Monday, November 20, 2017

The Stars Beneath Our Feet by David Barclay Moore

It’s Christmas Eve, and Wallace “Lolly” Rachpaul,12, is walking along 125th Street in Harlem, trying to get home as quickly as he can. Lolly has a new pair of sneakers from his mostly absent dad and he’s not about to let the two older boys following him snatch them off his feet. But when Lolly quickly turns the corner of 125th Street and 8th Avenue, the two boys abruptly stop, because Lolly lives in a world of imaginary protected borders, each border guarded by its own crew, and crews know better than to cross those lines.

Lolly, who is West Indian, lives in the St. Nicholas House, a public housing project on West 127th Street, with his mom and his mom’s girlfriend Yvonne, a security guard in a large toy store. His older brother, Jermaine had gotten involved with a drug dealing crew and was shot and killed outside a Bronx nightclub just a few months back and, while Lolly is still trying to come to terms with his loss, he is also trying to resist the pressure to join a crew.

One thing that Lolly does like is Legos, and he has painstaking put together all kinds of kits, following the instructions to the letter. But late Christmas Eve, he takes them all apart, suddenly wanting to built something else, something of his own.
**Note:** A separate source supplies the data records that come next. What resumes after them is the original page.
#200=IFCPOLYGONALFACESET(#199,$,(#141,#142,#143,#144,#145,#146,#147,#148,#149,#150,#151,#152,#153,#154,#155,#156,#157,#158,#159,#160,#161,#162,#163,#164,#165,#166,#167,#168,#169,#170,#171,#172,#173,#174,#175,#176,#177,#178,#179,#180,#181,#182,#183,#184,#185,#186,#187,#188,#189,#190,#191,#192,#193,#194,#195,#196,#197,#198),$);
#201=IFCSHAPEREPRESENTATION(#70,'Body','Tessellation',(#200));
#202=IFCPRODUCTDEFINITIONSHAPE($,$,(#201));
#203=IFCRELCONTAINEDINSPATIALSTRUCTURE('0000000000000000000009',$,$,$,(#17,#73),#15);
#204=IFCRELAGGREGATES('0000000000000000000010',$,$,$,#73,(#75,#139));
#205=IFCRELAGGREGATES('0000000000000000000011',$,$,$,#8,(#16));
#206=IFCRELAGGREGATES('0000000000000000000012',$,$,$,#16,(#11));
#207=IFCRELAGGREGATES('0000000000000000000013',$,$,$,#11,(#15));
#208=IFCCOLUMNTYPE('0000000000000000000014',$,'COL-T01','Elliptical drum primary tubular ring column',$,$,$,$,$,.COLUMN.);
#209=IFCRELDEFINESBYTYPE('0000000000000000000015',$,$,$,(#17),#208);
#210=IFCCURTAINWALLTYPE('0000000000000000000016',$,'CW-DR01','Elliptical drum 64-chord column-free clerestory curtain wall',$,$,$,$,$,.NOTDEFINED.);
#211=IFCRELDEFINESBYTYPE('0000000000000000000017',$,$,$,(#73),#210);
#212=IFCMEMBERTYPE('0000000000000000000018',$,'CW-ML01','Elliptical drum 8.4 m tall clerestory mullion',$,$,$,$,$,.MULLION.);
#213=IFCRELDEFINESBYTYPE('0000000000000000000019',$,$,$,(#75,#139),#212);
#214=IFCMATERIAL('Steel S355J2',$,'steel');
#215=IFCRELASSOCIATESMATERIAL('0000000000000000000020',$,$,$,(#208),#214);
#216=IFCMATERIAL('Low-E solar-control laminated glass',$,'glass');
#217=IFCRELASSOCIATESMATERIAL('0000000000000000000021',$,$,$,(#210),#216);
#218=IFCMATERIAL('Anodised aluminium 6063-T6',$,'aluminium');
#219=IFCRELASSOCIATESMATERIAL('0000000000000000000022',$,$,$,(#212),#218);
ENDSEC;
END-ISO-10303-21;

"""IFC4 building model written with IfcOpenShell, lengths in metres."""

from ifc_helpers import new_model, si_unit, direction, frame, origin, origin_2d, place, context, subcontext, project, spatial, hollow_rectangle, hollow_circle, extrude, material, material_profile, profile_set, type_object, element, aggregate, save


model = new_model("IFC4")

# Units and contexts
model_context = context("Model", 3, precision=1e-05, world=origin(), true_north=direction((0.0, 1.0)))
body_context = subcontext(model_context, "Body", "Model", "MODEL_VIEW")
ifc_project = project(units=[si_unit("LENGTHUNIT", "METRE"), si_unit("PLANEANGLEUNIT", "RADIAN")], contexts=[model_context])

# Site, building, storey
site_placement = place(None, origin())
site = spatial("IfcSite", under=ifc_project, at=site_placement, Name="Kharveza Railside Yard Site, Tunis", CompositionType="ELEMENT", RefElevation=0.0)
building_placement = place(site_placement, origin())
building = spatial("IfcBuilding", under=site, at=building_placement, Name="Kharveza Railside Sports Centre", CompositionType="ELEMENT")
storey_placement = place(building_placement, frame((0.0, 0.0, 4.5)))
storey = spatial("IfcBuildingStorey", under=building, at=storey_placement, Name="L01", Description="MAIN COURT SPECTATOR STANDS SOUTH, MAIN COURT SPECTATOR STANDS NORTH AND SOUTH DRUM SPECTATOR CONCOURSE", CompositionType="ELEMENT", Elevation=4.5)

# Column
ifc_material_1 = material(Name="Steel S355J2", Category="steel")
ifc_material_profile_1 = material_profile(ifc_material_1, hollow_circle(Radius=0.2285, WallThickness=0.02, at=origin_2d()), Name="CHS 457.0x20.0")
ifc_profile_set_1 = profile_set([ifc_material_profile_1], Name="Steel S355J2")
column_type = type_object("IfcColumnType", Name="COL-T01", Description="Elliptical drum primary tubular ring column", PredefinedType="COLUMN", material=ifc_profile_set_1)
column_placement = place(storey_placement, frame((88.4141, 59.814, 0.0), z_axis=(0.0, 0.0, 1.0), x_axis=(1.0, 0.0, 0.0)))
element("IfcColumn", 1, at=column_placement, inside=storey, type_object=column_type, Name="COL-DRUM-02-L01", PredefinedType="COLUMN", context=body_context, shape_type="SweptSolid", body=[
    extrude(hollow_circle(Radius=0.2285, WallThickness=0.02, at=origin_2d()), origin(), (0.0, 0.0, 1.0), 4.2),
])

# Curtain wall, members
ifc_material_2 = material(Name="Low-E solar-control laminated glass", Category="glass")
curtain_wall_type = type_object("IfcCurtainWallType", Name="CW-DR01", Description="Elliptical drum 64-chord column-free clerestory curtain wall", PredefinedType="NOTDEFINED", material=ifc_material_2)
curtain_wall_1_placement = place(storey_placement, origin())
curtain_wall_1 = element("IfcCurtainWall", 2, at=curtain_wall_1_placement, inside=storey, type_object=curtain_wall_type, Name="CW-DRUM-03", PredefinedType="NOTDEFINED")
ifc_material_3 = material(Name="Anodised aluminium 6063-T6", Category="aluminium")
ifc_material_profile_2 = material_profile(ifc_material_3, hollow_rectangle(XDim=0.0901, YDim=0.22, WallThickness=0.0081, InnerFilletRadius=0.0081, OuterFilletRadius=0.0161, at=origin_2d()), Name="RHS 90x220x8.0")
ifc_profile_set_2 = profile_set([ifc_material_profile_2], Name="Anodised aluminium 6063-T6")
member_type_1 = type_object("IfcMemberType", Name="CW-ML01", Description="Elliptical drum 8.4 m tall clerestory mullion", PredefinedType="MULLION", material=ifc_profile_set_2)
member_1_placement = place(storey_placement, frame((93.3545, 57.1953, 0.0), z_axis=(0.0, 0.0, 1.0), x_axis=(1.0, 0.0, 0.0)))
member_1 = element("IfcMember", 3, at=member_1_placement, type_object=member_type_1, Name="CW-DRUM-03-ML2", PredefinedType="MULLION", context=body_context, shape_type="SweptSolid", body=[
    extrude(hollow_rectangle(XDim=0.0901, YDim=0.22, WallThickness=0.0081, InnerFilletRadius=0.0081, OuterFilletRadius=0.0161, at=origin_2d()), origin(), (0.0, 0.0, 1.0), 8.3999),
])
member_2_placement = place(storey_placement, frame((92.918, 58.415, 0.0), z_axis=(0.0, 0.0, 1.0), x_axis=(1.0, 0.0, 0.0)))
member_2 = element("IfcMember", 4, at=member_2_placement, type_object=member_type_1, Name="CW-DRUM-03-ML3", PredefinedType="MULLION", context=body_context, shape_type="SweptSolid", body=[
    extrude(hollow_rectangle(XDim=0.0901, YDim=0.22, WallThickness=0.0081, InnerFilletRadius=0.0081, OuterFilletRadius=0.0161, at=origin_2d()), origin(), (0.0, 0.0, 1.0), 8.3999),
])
Later, when Yvonne comes home on Christmas morning, she has two garbage bags full of Legos for Lolly, and just in time. Pretty soon, Lolly has built a castle so big his mom is complaining about how much space it is taking up, so he is allowed to build in an empty storeroom in the after school program he goes to, run by Mr. Ali, an understanding, but underfunded social worker.

Soon, Lolly is joined by Big Alice, a special needs student suffering her own family loss, and who never speaks to anyone, but stays by herself reading. In the Lego room, she helps herself to Lolly’s Legos (Yvonne brings him more and more bags full) and begins building her own buildings, which resemble their neighborhood perfectly. At first, Lolly resents Big Alice, but soon the two are taking trips into midtown Manhattan, exploring the different buildings found in a architecture book Lolly was given for Christmas. Eventually, the two begin to build Harmonee, an enormous alien world, together.
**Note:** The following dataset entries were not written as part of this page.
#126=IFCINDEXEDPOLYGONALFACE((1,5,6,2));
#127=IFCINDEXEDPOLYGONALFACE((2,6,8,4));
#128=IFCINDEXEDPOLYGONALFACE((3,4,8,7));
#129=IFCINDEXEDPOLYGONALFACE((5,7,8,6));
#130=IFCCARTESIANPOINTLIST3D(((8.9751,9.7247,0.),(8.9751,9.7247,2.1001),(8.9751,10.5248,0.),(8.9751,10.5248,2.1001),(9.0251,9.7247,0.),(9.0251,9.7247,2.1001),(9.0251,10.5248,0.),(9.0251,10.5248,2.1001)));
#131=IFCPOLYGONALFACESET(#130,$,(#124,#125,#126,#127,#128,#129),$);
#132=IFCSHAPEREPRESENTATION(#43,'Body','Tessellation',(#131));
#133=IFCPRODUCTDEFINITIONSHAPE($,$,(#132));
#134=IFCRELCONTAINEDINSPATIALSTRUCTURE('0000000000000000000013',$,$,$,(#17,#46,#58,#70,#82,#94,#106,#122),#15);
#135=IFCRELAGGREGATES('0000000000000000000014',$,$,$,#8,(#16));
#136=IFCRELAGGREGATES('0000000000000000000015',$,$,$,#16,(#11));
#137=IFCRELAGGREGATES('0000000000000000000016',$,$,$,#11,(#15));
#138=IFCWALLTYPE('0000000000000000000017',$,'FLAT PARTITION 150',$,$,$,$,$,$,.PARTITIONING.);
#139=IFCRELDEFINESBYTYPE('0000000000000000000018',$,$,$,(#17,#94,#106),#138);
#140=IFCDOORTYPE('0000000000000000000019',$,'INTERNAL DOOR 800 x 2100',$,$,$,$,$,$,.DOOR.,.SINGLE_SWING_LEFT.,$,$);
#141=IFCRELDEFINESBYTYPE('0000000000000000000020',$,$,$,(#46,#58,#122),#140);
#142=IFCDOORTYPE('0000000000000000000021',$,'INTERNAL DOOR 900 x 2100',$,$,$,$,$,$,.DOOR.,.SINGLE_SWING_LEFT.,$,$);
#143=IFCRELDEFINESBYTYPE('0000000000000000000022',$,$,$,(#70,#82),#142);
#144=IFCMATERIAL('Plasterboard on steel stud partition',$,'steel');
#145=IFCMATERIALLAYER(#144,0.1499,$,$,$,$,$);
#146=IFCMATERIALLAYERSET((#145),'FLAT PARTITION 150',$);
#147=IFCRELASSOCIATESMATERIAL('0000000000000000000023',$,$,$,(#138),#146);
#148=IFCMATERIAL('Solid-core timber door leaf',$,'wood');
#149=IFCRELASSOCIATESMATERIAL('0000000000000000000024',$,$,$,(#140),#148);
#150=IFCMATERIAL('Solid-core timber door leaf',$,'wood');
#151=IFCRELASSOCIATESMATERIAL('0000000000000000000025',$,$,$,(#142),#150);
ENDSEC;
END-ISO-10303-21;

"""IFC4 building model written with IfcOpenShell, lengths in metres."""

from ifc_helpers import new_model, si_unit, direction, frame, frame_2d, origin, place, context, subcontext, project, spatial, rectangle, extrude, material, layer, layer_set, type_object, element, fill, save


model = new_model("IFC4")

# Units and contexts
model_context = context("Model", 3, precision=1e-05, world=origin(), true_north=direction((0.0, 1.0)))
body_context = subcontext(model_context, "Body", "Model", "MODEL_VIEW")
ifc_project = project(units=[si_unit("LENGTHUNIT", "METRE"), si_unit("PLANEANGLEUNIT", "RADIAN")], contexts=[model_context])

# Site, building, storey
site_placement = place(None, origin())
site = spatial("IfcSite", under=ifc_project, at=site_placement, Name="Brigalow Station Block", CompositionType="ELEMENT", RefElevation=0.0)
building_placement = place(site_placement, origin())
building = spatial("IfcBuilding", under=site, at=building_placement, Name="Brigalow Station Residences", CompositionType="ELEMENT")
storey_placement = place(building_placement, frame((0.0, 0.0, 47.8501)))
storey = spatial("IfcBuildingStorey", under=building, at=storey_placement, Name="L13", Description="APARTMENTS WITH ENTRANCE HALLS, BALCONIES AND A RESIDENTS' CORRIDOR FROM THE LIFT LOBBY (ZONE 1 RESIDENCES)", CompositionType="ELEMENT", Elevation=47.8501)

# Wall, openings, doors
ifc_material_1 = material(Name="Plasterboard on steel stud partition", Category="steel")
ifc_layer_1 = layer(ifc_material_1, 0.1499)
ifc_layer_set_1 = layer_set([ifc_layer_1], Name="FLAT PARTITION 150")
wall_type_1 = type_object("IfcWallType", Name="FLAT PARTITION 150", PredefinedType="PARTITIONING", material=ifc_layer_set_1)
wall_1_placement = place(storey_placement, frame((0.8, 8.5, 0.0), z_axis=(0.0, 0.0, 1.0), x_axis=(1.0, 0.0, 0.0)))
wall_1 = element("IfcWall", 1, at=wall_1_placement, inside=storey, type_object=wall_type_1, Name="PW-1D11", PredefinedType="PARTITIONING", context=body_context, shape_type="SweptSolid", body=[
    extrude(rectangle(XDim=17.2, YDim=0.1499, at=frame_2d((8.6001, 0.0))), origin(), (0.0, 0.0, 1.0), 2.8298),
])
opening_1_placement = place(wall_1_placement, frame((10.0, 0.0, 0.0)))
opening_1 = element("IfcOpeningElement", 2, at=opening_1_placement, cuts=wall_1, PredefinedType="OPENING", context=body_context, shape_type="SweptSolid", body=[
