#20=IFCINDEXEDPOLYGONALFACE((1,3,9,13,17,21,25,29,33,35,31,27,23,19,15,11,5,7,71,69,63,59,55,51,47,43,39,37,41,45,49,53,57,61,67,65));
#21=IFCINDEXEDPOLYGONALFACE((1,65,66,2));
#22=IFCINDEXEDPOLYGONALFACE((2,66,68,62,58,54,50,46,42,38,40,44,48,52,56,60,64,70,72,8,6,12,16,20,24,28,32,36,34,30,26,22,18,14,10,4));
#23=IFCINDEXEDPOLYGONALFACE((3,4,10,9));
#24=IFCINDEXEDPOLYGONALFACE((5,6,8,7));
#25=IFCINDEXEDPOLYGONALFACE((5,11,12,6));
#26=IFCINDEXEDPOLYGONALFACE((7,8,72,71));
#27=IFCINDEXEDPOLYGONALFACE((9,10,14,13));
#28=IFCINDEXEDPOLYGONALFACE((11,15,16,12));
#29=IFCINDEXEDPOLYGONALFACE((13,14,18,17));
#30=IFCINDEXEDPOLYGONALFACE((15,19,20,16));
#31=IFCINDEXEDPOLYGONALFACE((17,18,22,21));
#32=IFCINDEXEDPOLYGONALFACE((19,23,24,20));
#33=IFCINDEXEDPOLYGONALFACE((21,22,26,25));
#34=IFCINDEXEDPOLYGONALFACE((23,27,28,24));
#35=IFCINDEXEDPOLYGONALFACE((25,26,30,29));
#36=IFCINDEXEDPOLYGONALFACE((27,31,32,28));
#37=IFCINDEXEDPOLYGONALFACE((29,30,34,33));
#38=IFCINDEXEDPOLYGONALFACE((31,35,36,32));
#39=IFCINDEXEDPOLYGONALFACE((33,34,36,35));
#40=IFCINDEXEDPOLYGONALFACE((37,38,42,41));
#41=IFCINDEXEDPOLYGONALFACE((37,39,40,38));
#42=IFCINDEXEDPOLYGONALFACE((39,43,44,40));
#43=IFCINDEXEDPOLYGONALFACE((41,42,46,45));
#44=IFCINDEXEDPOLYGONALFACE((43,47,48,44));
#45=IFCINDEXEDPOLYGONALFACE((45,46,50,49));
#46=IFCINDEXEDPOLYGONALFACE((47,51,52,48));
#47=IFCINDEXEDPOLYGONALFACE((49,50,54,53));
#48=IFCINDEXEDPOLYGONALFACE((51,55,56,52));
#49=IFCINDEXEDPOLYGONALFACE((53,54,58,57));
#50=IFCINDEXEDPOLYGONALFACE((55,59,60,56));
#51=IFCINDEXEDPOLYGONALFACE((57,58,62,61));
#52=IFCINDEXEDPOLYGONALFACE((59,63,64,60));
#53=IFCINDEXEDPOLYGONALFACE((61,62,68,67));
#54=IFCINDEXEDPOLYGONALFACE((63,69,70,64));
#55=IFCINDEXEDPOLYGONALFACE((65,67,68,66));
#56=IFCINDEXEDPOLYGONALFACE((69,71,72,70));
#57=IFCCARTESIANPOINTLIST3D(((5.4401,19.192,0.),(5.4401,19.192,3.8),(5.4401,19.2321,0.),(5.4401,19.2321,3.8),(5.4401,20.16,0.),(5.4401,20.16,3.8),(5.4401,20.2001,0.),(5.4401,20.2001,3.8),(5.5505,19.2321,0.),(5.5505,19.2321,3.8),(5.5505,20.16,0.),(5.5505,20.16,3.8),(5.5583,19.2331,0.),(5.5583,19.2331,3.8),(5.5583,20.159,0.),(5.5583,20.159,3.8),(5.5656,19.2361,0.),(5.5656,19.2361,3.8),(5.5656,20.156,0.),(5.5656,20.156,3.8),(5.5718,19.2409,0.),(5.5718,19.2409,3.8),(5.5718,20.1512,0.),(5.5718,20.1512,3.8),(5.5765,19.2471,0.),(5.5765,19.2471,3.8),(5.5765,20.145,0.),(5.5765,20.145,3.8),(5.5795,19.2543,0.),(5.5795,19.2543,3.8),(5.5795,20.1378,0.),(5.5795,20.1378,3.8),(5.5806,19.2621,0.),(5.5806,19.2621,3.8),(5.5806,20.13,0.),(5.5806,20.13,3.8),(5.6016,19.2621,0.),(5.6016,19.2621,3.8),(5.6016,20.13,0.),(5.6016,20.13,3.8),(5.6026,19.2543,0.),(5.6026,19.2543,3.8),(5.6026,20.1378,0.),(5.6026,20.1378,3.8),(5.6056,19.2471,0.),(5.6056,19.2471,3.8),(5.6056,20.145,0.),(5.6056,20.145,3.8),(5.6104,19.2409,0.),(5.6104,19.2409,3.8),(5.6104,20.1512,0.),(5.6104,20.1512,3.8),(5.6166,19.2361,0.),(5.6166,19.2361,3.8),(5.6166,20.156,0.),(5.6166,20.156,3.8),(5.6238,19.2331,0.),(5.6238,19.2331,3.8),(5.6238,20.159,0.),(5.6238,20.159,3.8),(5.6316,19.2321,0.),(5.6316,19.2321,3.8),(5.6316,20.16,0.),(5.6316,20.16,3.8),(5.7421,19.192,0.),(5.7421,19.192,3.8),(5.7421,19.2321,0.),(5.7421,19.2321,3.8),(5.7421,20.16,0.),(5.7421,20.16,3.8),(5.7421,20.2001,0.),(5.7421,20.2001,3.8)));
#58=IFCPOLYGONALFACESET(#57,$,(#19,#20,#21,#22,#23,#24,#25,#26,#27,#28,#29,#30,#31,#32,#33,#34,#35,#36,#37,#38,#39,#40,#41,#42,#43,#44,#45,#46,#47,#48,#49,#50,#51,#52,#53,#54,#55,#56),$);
All the while, Lolly, and his Dominican best friend, Vega are being harassed by the same two boys who followed Lolly on Christmas Eve. Part of a crew that wants Lolly and Vega to join them, they soon resort to violence as a means of persuasion. And it almost works…but then things in Lolly’s life take another totally unexpected turn.

The Stars Beneath Our Feet is a debut novel for David Barclay Moore. It is an all-to-realistic coming of age contemporary  novel, and Lolly is a wonderfully flawed character full of contradictions (like choosing Legos over video games). As Lolly tries to reassemble his life through the metaphor of Lego building blocks, life on the city streets is also becoming more and more complicated. Luckily, Moore has surrounded him with people who are caring and supportive - his gay mom, Yvonne, who is trying to help him through the grieving process by giving him Legos, the only thing she can do, Mr. Ali, who has recognized that Lolly needs to work through the trauma of losing his brother so violently, even his dad comes through, though not as much as Lolly would like. And their story threads together with those of Lolly, Big Alice, and Vega make this such a full-bodied novel.
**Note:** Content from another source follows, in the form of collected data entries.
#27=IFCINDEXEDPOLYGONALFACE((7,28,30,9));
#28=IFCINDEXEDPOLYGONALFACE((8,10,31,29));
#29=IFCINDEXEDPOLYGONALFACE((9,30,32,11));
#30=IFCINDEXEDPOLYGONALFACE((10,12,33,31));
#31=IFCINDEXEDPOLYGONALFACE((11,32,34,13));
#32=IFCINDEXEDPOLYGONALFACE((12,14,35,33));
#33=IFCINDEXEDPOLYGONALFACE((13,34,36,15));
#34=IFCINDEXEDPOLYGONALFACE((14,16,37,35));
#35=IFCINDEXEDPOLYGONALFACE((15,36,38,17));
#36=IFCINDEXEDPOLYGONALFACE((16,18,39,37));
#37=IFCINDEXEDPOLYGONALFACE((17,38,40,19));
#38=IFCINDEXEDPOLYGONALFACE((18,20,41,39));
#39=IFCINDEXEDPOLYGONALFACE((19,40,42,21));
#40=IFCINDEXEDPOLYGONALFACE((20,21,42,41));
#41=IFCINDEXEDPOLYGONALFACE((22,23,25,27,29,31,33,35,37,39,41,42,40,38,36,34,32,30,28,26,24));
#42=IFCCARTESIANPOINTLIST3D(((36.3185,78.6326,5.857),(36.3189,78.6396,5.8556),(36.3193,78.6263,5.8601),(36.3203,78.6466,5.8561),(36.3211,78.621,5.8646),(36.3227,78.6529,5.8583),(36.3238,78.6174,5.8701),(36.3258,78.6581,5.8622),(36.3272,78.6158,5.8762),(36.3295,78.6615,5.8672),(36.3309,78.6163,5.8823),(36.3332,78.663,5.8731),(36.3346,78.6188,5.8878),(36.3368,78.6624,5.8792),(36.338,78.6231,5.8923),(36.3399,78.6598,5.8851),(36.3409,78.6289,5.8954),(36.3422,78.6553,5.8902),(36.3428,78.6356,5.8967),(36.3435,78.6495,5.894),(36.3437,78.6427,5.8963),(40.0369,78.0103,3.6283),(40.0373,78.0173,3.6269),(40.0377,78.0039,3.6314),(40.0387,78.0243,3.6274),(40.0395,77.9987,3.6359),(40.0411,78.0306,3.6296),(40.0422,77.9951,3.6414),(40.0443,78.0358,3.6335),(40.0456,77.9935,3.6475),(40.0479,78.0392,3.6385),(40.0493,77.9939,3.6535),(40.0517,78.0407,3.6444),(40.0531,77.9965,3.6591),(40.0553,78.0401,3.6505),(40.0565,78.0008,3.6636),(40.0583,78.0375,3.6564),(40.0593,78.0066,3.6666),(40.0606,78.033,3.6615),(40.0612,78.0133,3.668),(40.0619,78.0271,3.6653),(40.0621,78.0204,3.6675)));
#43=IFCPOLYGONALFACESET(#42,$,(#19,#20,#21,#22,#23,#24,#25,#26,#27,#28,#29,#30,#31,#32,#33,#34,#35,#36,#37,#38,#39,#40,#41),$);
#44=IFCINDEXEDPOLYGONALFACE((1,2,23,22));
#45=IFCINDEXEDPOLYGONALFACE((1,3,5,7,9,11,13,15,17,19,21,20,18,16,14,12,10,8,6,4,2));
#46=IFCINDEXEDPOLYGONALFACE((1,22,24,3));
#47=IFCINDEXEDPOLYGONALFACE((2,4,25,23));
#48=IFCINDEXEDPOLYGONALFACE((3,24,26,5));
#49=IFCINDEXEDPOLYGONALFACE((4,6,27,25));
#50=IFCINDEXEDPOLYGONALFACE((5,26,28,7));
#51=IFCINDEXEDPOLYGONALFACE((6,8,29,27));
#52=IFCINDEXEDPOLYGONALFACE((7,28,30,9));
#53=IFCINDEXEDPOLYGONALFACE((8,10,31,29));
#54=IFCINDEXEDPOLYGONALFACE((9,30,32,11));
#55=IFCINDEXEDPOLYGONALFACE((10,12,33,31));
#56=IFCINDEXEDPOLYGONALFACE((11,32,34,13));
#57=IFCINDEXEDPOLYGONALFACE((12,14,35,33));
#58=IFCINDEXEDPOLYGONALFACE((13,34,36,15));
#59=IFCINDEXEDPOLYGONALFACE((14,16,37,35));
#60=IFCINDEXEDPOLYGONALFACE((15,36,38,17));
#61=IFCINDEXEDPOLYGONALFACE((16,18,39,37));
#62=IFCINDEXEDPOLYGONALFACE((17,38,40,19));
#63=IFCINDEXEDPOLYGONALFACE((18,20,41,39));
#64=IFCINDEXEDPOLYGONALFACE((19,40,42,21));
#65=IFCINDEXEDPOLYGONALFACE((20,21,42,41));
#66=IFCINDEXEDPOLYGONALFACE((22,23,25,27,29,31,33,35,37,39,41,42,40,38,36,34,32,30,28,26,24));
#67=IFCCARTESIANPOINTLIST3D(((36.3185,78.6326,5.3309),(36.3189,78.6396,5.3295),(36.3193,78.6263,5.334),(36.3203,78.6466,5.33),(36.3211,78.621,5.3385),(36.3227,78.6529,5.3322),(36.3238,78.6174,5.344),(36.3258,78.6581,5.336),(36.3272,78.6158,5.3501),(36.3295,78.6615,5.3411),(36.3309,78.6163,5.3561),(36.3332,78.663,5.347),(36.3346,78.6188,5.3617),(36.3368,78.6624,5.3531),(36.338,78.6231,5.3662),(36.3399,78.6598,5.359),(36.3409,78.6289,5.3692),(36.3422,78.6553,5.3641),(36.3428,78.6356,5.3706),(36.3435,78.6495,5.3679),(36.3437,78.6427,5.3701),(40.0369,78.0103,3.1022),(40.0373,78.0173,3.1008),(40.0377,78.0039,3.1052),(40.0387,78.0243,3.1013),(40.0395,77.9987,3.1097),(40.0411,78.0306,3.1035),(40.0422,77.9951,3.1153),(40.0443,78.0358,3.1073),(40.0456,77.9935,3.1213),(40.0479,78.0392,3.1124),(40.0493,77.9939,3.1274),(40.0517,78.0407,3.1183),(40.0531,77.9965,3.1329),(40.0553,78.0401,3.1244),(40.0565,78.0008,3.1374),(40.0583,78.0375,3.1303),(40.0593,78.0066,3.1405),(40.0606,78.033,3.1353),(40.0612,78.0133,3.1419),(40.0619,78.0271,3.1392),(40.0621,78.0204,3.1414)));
Harlem is also as much a character in this novel as anyone, providing a living backdrop for Lolly’s important slice-of-life story. But, the danger those street hold for young men of color like Lolly isn’t something most people know or even think about and Moore has captured it with brutal honesty, compassion, and even humor. 

From the moment I started reading The Stars Beneath Our Feet, I could’t put it down. It may not be a book for everyone, but it is certainly a worthwhile read and, I think, a real eye-opener for many. Moore’s final message in this novel - it is not just family, but also community that can help change things for kids. 

This book is recommended for readers age 10+
This book was an ARC received from the publisher, Alfred A. Knopf


  1. Our conversation about this really helped me understand it more. I still don't think it's a good fit for my suburban, Midwestern students, but I now know it isn't as "mean" as it seemed to me!

    1. Our conversation, which also helped me, is what prompted me to say it might not be a book for everyone, but I do think kids in urban areas will appreciate what Lolly is going through.

  2. What a clear and detailed review. This book sounds fascinating, and I'm especially compelled to read it after reading the above comments.